Cerebrospinal fluid diagnostics are also often routinely supplemented to rule out other causes like inflammation of the brain and to collect so-called biomarkers of Alzheimer's disease, namely biomarkers of amyloid and tau. However, this already shows that PET examinations are necessary in three scenarios in particular: 

• When cerebrospinal fluid testing is not possible or provides borderline or contradictory results.
• When the initial suspicion is already that a patient suffers from a type of dementia other than Alzheimer's dementia. There are no established biomarkers for these diseases in cerebrospinal fluid, whereas FDG-PET can show disease-specific findings.
• When there is doubt as to whether the reported symptoms are actually related to abnormal amyloid findings in the cerebrospinal fluid. 

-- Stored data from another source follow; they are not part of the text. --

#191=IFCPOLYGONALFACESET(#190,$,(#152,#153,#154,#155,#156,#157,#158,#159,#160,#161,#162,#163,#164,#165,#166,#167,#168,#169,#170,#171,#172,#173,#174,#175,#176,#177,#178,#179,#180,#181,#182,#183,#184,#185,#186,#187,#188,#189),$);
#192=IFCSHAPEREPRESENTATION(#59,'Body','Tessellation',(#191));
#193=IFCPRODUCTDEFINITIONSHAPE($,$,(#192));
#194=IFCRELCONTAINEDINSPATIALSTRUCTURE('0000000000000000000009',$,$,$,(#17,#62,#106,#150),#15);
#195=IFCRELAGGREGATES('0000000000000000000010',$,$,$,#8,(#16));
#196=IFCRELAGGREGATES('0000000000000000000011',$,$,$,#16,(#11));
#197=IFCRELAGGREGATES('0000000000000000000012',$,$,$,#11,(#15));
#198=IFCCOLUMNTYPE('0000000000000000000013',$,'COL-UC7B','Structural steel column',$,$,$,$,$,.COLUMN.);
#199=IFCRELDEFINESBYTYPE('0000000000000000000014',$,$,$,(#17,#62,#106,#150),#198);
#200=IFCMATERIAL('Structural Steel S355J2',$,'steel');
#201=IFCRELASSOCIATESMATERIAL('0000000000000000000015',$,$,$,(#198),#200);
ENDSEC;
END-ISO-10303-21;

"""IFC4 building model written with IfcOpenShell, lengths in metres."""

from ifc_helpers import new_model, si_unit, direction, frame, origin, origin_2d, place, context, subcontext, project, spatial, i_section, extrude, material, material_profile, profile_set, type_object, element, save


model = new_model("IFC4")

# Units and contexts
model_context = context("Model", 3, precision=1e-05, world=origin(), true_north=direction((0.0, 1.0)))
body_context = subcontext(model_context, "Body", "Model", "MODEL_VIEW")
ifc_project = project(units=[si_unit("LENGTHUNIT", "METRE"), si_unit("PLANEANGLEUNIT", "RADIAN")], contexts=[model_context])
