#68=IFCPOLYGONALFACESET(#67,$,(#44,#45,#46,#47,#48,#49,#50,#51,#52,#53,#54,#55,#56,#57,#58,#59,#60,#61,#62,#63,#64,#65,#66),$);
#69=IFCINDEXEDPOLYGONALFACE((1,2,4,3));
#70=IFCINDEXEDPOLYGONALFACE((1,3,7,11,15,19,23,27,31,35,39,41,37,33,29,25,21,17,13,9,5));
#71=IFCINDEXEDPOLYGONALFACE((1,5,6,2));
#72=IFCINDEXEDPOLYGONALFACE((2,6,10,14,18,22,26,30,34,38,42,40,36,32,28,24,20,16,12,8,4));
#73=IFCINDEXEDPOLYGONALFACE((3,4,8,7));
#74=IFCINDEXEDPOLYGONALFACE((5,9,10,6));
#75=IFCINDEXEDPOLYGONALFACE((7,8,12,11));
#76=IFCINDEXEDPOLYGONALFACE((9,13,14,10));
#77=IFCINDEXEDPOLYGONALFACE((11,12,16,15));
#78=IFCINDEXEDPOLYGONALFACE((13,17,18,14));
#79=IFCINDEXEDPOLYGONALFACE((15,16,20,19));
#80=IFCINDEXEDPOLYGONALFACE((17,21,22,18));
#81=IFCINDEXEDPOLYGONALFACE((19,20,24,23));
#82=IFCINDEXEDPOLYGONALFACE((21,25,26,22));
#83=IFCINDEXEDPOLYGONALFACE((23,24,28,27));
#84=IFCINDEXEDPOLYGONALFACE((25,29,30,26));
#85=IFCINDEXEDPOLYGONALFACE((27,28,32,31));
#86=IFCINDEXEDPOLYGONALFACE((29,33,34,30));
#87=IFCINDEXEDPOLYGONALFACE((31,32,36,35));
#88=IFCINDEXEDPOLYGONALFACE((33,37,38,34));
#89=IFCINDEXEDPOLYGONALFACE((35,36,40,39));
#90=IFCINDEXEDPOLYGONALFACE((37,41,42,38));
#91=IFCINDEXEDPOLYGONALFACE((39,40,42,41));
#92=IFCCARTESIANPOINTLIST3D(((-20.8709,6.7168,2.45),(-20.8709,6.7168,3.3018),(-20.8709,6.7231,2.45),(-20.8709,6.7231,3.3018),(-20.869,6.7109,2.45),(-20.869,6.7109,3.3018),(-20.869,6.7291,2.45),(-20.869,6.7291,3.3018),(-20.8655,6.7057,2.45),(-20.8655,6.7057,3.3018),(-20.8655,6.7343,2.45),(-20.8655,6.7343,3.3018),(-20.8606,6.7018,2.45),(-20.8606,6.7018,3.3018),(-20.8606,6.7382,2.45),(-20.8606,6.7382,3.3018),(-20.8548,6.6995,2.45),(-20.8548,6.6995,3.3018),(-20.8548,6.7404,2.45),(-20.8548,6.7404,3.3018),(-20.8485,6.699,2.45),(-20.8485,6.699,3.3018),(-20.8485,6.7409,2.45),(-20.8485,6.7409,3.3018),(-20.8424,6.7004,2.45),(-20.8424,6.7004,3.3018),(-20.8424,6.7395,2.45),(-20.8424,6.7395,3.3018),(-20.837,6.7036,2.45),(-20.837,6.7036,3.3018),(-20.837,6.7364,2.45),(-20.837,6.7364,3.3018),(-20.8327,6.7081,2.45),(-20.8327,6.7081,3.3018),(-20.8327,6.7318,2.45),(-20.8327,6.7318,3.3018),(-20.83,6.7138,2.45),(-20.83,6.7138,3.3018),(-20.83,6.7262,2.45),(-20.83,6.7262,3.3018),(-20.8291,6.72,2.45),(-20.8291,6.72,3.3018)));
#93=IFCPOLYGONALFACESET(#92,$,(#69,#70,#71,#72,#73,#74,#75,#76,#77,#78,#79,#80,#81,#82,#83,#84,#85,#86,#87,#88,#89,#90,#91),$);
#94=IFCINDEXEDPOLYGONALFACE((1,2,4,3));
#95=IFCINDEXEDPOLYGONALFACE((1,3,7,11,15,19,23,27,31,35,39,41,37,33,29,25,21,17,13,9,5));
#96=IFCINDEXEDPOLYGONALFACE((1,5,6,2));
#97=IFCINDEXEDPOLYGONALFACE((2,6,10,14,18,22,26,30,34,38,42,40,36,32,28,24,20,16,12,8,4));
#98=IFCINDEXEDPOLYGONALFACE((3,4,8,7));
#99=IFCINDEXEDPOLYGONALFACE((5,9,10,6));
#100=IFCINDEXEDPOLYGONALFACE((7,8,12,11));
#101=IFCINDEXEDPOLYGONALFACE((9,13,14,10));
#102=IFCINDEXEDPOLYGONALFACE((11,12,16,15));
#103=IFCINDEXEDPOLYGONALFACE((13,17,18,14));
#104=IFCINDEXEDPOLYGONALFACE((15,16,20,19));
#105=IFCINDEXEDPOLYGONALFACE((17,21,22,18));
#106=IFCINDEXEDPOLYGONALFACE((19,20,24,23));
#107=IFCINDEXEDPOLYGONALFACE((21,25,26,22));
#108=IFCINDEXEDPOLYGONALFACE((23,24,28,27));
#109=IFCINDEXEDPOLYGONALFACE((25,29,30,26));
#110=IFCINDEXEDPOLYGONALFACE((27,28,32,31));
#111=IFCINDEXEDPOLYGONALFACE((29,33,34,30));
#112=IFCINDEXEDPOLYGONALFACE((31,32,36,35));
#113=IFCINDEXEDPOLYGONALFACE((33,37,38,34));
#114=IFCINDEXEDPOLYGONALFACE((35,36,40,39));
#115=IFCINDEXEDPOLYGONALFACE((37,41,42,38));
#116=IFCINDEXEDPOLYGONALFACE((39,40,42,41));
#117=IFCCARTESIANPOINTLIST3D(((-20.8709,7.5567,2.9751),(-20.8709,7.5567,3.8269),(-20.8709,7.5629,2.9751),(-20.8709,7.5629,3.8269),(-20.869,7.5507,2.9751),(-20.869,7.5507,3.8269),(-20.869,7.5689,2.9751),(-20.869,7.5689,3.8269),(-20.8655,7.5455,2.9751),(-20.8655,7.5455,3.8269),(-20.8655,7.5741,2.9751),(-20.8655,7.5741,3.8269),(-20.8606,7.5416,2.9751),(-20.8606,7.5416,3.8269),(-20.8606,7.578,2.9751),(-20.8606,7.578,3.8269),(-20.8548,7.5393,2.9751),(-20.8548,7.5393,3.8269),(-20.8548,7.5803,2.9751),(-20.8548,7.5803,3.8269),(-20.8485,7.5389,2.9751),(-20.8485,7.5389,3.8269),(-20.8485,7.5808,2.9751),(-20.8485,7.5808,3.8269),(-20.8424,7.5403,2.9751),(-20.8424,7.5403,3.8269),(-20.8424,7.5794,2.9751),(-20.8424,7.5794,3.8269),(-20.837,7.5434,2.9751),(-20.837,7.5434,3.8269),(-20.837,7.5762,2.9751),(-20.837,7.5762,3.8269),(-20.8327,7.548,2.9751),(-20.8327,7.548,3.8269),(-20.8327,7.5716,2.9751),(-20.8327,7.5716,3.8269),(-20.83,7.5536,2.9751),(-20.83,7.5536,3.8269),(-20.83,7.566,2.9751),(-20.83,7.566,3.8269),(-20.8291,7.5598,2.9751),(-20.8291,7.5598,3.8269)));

In the context of the novel drug therapies for Alzheimer's disease, amyloid and tau PET are used very effectively to optimally guide the therapy, that is to select the patients who will benefit most and, if necessary, to terminate the therapy once the existing amyloid deposits have been successfully removed from the brain.

Which new tracers or technical developments do you consider particularly promising?

There are currently many promising developments in the field of nuclear medicine or molecular imaging of the brain, especially in cognitive disorders. On the one hand, this concerns dedicated brain scanners that deliver significantly better images in less time and are also much more comfortable for the patient. On the other hand, the probes we inject to measure amyloid and tau deposits provide better contrast and more accurate diagnostics with each new generation. Numerous new probes are also in development that will allow us to visualize fundamental disease processes such as inflammatory changes or other pathologies beyond Alzheimer's disease. At the Medical Center - University of Freiburg, we are in the unique position of being able to draw on all of these techniques.

What role does artificial intelligence play in image evaluation?

We use AI and deep learning in two main ways: on the one hand, these systems support us in our diagnoses, and on the other hand, these techniques improve the image acquisition. The latter allows us to perform very quick examinations lasting only a few minutes and to use only a very low dose of our probes. The radiation exposure of the PET examination is becoming virtually negligible.

How do you think the role of PET in dementia diagnostics will change over the next 5 to 10 years?

I firmly believe that PET will play an essential role in the development, application, and management of new therapies. Innovative probes and therapeutic approaches will also make other neurodegenerative diseases beyond Alzheimer's, which is currently the main focus, accessible for diagnosis and therapy. Ultimately, the above-mentioned techniques will make PET much more widely available. We are living in very exciting times, and experience in recent years shows that there will certainly be other groundbreaking developments that we cannot even foresee at this point.